Bonne pêche sur le littoral

La patience est la vertu des pêcheurs. Il en va parfois de même pour les archéologues. Cela fait en effet plus de vingt ans que, sur le littoral de Basse-Normandie, l'érosion effectue un minutieux travail de fouille pour amener dans les filets des chercheurs les riches vestiges des pêcheries du passé.

Benevoles peche VDL

Saint-Jean-le-Thomas, au nord-est
de la baie du Mont-Saint-Michel, « plage de Pignochet ». Mise au jour d'une haie de clayonnage.
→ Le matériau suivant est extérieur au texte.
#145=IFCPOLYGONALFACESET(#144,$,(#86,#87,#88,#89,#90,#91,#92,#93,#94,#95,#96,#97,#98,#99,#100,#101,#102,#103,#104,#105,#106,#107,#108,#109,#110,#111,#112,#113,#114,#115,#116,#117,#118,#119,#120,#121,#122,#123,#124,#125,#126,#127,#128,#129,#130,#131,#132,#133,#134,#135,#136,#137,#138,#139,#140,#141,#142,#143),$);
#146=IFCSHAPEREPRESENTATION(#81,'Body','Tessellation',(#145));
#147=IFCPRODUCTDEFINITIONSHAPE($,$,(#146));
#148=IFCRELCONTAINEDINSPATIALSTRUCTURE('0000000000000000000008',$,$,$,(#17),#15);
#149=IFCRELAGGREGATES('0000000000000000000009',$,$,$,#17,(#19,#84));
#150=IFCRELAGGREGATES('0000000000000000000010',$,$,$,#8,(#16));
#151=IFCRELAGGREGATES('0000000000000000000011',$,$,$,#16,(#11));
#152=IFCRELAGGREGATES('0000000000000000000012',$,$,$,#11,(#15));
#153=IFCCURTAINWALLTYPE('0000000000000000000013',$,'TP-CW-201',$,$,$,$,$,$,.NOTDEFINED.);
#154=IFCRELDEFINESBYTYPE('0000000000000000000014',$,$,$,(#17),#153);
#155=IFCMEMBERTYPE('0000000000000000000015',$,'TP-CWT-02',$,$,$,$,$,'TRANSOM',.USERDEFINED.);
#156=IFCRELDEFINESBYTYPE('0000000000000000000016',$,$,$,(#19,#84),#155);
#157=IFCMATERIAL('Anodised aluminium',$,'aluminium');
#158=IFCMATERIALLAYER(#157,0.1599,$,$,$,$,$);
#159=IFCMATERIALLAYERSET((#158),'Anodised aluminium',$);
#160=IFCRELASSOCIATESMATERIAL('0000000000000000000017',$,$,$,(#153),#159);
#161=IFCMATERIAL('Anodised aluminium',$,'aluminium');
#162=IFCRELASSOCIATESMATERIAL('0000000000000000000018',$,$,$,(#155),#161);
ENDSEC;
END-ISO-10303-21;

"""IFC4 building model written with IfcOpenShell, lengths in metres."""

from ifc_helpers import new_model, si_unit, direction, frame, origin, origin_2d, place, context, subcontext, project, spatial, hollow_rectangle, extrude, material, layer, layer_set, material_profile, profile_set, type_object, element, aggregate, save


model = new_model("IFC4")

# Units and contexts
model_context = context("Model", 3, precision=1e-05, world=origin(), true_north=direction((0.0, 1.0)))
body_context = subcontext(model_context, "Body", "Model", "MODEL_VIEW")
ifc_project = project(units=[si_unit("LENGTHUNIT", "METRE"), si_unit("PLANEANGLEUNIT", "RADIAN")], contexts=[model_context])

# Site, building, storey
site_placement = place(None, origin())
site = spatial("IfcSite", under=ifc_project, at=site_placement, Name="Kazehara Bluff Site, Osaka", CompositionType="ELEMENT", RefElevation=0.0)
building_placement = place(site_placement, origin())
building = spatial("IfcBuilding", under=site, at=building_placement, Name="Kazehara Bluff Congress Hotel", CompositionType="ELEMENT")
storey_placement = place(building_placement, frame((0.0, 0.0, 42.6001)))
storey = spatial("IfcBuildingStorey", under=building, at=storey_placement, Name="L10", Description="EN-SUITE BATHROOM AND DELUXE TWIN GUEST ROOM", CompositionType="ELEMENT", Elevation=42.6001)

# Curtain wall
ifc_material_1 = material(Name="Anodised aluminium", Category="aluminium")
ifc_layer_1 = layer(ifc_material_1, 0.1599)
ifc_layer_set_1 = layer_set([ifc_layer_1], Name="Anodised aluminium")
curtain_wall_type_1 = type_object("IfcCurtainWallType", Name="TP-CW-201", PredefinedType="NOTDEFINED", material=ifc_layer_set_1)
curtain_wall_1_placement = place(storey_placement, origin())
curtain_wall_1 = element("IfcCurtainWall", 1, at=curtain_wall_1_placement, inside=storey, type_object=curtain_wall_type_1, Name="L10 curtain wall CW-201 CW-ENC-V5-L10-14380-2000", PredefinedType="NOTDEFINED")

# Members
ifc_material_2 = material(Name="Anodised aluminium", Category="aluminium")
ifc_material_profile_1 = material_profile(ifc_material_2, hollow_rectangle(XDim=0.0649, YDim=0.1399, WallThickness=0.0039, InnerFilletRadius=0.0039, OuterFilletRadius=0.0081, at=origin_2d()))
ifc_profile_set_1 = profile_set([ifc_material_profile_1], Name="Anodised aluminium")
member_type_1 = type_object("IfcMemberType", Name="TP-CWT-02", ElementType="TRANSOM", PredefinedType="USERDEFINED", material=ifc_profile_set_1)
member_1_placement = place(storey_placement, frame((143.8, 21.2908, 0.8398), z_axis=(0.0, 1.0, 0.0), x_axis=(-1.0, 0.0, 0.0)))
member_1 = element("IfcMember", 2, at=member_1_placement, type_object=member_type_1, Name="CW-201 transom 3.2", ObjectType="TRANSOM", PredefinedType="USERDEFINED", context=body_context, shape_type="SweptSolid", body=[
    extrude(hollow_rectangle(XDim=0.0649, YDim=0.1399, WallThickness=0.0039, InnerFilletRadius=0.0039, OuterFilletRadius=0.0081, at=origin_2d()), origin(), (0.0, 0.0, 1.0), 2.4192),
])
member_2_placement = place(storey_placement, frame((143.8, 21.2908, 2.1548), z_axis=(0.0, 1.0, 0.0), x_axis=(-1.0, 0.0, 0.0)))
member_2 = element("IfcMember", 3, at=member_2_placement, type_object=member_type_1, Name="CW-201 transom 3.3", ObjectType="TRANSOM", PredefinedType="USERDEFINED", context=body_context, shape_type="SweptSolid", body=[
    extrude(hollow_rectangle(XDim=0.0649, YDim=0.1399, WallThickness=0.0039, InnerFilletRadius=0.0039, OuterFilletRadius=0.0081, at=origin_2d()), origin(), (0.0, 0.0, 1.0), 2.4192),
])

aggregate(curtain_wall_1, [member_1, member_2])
L'érosion a parfois du bon. Sans elle, les pêcheries d'antan, ces structures destinées à piéger les produits de la mer, faites de bois ou de pierre, ou encore de filets montés sur pieux et de réservoirs, qui bordent le littoral de Basse-Normandie n'auraient jamais pu être découvertes, et donc étudiées. Vincent Bernard, dendrochronologue – spécialiste en datation des bois archéologiques –, du laboratoire Civilisations atlantiques et archéosciences 1, explique pourquoi : « Depuis 2000, l'érosion des côtes de la façade occidentale du département de la Manche, de ses falaises et de ses dunes, lève le drap qui masquait des vestiges oubliés, comme ces pêcheries vieilles de 4 000 ans. » Face à la mise au jour d'un tel vivier, la mission de ce chercheur est d'analyser les espèces végétales employées sur les sites, ainsi que l'usage qui en a été fait par l'homme, et de dater les constructions. Une pêche archéologique à laquelle il se livre sur le littoral français depuis 2003 aux côtés de Cyrille Billard, archéologue-conservateur 2, dans le cadre du programme collectif de recherche du ministère de la Culture « Exploitation des milieux littoraux en Basse-Normandie ».

 

Vestiges pecheries VDL

© Photos : C. Billard

Vestiges de pêcheries en pierre vues d'avion dans le secteur de Granville.


 

Ce sont des sites exceptionnellement bien conservés qui livrent leurs secrets. C'est le cas de Saint-Jean-le-Thomas, au nord-est de la baie du Mont-Saint-Michel : en 1979, il ne laissait deviner qu'une infime partie des vestiges qui depuis l'an 2000 se découvrent sur 2 hectares. La première datation au carbone 14 remonte à 1979, alors que bien peu de structures étaient apparentes. On découvrit alors que cette pêcherie – l'une des plus anciennes d'Europe – daterait de l'âge du bronze, soit 2 000 ans avant J.-C. Aujourd'hui, les chercheurs surveillent l'ensemble du lieu. « Son état de fossilisation est tel – des traces de pas humains, de bovidés en quête de sel ou d'algues restent gravées – que nous avons l'impression de nous promener sur le site tel qu'il était à l'origine », s'exclame le dendrochronologue, émerveillé. Pourtant, il n'est pas simple pour celui qui, dans son métier, étudie surtout le chêne, de travailler à cet endroit où l'on recense essentiellement des aulnes, des noisetiers et des saules. En examinant les cernes du bois, il tentera de confirmer la datation au carbone 14. Encore une chance que l'eau ait pu conserver ce matériau, ainsi que des éléments exhumés, pourtant fragiles, comme un panier et une hache. En observant ces structures, en bon état également, le chercheur souligne le caractère très étendu de ces pêcheries. Elles pointaient vers le large et multipliaient les solutions pour capter le poisson, jouant, à la différence des plus récentes, aussi bien sur le flux que sur le reflux marin. Et les 1 500 pieux retrouvés, correspondant à des arbres de 25 à 40 ans, témoignent d'une très grosse production de bois.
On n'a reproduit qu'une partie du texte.